Predator 212 CC

mgilker

Member
So I bought a new predator engine recently, and have seen stuff all over the web about increasing their power and rpm and such, and was wondering what the safest max rpm these engines can handle? Over the this last winter, I had a snowblower that I was messing with (much smaller engine and 2 stroke), and it didn't seem to have enough rpm, so I messed (with what I now know was the governer) and after a few mins of high rpm, the backhalf of the connecting rod blew out the crankcase.. Obviously I don't want this to happen again.. So again, what can these engines SAFELY run at, and when they return to that rpm, will they stay there and not go dangerous high?
 
Build quality..? How do you mean?

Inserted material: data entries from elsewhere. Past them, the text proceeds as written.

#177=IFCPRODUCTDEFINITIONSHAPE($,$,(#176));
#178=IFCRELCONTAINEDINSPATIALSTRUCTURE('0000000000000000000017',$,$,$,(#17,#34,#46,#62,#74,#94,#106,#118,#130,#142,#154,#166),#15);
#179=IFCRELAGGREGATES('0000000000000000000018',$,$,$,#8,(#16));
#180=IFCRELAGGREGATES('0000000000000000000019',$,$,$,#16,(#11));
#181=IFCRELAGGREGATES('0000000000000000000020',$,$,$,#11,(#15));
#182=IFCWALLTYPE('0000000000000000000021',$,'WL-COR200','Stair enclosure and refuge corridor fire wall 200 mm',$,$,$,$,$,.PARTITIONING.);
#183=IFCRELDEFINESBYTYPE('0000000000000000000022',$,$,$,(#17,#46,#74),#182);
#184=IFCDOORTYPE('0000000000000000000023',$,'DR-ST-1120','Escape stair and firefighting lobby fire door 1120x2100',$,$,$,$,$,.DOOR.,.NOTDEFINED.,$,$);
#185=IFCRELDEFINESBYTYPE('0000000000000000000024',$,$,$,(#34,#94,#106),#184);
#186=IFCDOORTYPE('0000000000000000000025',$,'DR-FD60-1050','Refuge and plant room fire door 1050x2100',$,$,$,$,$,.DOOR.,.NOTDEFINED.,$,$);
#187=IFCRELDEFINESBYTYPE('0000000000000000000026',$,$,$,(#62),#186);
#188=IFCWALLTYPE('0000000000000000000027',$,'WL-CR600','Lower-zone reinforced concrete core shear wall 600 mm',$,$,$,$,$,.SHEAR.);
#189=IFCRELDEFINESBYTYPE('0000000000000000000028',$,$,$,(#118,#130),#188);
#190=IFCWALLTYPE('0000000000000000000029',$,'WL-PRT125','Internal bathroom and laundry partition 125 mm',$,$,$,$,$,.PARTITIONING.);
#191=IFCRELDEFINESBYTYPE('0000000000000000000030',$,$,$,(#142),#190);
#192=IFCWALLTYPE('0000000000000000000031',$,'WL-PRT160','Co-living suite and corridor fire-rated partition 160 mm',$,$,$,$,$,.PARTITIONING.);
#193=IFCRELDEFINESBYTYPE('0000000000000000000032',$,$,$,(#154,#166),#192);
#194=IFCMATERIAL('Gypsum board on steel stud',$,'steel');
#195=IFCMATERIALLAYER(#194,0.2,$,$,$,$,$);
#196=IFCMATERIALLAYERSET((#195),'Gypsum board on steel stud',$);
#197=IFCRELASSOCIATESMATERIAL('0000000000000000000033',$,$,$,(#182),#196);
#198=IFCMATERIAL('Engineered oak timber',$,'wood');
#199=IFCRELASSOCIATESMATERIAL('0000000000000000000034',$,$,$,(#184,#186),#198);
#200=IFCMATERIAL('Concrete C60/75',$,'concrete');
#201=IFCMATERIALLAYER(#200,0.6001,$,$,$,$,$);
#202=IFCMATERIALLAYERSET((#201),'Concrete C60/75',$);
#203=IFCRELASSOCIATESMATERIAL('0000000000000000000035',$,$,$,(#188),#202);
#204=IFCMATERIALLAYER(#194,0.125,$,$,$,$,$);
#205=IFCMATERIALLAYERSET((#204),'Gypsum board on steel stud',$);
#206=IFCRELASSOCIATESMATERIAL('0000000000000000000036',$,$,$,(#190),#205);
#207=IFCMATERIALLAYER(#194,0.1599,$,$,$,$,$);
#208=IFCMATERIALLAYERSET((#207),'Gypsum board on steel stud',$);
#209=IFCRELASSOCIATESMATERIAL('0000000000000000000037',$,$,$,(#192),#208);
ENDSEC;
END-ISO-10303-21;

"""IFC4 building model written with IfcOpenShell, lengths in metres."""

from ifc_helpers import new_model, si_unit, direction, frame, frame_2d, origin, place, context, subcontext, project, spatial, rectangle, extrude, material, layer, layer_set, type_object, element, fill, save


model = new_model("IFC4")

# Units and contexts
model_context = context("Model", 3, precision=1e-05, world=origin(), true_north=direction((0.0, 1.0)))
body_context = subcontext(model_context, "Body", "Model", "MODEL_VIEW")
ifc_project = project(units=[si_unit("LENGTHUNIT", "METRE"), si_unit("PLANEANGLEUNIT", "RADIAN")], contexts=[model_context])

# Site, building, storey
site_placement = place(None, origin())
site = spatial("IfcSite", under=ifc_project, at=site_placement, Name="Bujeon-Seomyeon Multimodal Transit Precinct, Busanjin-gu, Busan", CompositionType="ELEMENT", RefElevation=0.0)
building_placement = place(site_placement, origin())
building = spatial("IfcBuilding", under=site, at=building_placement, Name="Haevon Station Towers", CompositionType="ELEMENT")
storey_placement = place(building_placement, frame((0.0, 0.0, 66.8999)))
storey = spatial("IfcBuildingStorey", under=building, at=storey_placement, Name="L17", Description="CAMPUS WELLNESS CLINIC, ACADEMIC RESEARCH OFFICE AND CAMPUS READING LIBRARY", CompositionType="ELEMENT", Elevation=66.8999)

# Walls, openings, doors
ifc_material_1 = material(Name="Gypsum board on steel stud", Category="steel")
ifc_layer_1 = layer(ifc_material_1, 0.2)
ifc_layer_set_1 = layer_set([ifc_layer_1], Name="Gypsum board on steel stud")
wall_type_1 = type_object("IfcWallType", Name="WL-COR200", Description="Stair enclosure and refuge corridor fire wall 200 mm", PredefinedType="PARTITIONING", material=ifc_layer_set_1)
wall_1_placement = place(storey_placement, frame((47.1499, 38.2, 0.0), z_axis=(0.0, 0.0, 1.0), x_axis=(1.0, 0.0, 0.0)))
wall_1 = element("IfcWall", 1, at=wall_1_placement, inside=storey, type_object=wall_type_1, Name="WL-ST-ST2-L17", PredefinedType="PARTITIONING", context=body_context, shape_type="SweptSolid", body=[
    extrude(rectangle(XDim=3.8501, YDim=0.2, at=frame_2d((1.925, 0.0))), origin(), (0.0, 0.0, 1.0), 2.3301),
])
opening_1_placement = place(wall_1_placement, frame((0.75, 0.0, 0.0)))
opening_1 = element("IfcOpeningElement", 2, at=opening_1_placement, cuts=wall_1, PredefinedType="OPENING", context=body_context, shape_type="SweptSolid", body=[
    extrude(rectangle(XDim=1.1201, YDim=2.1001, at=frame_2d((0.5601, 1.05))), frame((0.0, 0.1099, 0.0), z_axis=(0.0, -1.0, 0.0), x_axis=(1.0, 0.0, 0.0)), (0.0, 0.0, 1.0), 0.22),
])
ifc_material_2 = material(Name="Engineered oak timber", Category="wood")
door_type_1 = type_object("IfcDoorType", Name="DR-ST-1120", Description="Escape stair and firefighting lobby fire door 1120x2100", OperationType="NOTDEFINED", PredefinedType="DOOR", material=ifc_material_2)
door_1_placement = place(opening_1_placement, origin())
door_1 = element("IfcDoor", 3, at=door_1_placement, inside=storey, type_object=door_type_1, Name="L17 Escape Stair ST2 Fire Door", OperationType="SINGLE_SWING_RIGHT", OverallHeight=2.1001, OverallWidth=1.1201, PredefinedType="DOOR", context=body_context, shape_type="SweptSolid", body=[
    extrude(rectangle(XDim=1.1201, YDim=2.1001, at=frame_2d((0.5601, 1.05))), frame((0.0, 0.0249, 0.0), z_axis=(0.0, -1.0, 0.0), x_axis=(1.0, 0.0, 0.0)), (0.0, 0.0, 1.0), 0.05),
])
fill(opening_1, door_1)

Like the mods I put on..? Because I don't plan on putting any on at the moment, but in the future I will probably.. Just want a little more rpm for now.
 
Well for one you really don't want to run a stock flywheel at a higher rpm. If nothing else, you should replace that if you take the governor off.
 
it will be fine to take the governor out and run the stock flywheel. Just keep it under 5800 rpm and you will be fine!!! I did this to get seat time before I went to a clone. Ran 5-6 nights with no problem. Just be VERY carefully because when you take the governor out there is nothing to stop it from over revving.
 
If you want cheap power put fuel pump and tank, air filter adapter and racing air filter, big pip, and jet the crab. 24 low speed jet and 56 main jet is a good place to start. may have to go up or down on jets. Run motor at about 400f degrees. ACR racing is a good place to get this stuff from.
 
Replace the flywheel not replacing makes you a liability to yourself and anyone around you, if you are removing or modifying the govener.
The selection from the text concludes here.